Create an empty folder.
npx hardhat init
To create a project with directories like contracts, test
copy paste contract code from https://etherscan.io/address/0x2028834B2c0A36A918c10937EeA71BE4f932da52?utm_source=immunefi#code
to gnosis.sol in contracts folder
change compiler version or directly paste this in module exports in hardhat config.js
This is done since the Gnosis multisig contract uses an old version of solidity
solidity: { compilers: [ { version: "0.4.22", }, { version: "0.8.19", settings: {}, }, ], },
paste following test script in test folder
const {ethers} = require("hardhat")
const {expect, assert} = require("chai")
var gnosis
let owners, deployer
describe("ReplaceOwner bug", function()
{
before(async function(){
owners = (await ethers.getSigners()).slice(0,6)
deployer = owners[0]
})
context("Setup Contract (4/6 multisig) ", () => {
it("Should deploy with 6 owners, 4 required ", async function(){
let gnosisF = await ethers.getContractFactory("MultiSigWallet", deployer)

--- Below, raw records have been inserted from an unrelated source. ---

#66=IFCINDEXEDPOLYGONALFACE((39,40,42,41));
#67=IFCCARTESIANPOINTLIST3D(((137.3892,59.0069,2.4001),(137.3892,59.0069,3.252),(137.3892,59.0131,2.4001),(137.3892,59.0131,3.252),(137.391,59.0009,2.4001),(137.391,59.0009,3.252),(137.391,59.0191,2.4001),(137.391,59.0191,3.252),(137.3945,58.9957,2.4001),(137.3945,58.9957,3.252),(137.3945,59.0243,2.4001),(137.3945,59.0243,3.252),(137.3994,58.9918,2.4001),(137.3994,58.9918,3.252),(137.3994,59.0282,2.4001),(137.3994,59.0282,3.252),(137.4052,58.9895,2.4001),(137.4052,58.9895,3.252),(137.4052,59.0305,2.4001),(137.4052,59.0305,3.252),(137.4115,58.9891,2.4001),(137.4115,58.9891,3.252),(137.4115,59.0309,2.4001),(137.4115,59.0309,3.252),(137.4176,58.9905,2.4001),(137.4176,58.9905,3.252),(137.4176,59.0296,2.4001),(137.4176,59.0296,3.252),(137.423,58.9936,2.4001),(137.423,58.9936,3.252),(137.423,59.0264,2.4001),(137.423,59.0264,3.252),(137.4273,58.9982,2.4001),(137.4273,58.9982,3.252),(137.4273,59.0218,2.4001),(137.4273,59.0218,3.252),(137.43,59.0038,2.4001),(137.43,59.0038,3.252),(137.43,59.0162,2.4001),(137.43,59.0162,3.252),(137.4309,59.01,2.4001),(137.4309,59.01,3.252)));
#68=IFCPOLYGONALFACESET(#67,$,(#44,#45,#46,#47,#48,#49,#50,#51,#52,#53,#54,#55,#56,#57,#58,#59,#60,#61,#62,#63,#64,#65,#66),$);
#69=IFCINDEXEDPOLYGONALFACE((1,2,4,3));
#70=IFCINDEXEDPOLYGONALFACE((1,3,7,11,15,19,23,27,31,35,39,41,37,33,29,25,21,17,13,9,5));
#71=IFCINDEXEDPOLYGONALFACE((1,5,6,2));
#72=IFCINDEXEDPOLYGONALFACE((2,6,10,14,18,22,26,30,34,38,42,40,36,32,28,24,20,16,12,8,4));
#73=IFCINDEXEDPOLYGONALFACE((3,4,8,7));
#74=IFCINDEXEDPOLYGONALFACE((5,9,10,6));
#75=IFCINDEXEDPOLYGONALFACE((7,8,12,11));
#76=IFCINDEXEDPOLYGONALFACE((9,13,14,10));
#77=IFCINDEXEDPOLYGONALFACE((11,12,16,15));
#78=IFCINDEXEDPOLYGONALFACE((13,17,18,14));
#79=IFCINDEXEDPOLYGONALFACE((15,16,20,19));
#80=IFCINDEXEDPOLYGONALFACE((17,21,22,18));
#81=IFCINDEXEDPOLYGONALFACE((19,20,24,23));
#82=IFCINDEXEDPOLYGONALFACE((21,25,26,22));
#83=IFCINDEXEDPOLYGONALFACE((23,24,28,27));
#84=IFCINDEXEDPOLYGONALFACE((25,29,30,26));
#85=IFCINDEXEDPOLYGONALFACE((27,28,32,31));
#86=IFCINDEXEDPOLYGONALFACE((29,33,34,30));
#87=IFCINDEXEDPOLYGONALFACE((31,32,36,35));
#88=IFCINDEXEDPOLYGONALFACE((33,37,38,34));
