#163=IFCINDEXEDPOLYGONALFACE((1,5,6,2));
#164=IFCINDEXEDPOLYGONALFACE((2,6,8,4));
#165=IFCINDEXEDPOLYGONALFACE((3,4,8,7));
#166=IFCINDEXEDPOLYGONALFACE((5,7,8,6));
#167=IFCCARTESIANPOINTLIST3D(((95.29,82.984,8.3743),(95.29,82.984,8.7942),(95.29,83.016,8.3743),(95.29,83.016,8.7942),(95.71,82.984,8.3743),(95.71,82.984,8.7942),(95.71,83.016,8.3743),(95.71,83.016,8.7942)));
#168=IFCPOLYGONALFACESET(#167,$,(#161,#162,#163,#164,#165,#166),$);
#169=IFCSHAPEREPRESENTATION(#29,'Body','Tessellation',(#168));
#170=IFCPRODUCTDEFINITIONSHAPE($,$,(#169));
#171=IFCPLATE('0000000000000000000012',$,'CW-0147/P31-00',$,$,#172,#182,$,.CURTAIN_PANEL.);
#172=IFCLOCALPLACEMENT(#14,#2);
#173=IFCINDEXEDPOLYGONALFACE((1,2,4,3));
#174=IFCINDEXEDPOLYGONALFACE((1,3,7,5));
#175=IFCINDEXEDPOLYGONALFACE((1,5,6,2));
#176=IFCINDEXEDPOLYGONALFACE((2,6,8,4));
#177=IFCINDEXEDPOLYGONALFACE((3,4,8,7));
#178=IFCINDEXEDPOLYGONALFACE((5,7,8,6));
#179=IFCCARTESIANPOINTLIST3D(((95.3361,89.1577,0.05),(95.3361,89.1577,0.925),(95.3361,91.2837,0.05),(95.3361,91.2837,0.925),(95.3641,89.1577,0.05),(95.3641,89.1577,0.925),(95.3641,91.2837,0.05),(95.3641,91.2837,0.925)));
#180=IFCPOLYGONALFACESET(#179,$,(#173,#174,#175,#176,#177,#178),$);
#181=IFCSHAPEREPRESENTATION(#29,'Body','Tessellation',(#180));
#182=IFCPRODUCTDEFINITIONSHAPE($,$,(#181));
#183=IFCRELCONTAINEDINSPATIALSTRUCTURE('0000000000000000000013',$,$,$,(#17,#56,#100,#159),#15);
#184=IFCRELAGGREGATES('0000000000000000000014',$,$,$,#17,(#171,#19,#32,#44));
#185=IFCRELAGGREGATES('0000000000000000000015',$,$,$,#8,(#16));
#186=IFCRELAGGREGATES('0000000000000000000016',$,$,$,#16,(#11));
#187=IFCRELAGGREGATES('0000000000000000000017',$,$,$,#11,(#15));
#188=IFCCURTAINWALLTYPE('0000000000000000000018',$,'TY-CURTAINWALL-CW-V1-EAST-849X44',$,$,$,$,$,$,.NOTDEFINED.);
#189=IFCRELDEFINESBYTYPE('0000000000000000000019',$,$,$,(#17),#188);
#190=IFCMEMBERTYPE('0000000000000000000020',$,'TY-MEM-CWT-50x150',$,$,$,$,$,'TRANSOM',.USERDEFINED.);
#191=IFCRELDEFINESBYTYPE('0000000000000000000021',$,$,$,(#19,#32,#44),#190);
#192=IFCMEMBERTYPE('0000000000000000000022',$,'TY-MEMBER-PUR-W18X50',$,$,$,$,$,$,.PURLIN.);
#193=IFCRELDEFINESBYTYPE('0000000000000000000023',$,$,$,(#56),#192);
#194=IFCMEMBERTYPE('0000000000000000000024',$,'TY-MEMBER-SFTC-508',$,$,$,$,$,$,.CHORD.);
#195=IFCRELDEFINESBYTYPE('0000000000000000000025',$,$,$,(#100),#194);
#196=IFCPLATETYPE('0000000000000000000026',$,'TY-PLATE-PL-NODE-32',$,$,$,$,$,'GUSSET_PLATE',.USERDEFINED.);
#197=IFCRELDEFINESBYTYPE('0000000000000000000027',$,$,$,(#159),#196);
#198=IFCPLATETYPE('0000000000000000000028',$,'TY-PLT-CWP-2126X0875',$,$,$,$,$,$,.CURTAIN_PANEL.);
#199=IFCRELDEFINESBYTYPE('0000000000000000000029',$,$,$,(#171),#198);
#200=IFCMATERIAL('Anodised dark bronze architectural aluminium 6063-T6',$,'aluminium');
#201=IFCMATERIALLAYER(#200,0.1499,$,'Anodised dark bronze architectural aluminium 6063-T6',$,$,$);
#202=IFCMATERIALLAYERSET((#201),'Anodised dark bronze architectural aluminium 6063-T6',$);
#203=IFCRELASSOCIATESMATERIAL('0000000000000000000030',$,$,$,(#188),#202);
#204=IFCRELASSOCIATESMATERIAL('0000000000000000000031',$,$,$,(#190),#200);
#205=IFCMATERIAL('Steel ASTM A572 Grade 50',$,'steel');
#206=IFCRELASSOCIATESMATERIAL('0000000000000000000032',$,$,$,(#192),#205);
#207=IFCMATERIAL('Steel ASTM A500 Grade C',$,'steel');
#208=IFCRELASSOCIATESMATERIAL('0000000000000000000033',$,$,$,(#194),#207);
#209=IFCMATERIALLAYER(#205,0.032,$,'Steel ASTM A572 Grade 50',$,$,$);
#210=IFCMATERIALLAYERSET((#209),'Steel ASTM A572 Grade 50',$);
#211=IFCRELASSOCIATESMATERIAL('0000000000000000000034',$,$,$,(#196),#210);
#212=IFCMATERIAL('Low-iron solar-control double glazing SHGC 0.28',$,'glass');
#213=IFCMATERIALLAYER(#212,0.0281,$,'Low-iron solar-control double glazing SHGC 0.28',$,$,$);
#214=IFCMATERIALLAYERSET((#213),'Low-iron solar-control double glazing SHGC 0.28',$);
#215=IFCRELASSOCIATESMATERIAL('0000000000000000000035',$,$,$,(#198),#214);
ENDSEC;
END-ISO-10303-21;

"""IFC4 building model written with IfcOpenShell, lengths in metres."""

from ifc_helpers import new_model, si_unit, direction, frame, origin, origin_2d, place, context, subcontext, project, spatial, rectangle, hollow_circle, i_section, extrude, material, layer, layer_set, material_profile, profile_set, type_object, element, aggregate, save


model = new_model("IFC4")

gnosis = await gnosisF.deploy(
owners,
4
);
expect(await gnosis.required()).to.eq(4);
expect( (await gnosis.getOwners() ).length).to.eq(6);
})
})
context("Bug proof of concept", () => {
it("Should remove two owners", async function(){
let ABI = [
"function transfer(address to, uint amount)",
"function removeOwner(address owner)"
];
let iface = new ethers.Interface(ABI);
data = iface.encodeFunctionData("removeOwner", [ owners[owners.length - 1].address, ] )
//one owner proposes an action through submitTransaction and the others
//adhere through confirmTransaction
// remove one owner [CODE START]
await gnosis.submitTransaction(
await gnosis.getAddress(), //destination
0, //value
data //data
)
for( i=1; i<=3; i++)
{
signer = owners[i];
await gnosis.connect(signer).confirmTransaction(
0 //transaction id
);
}
expect((await gnosis.getOwners()).length).to.eq(5)
// remove one owner [CODE END]
// remove another owner [CODE START]
data = iface.encodeFunctionData("removeOwner", [ owners[owners.length - 2].address, ] )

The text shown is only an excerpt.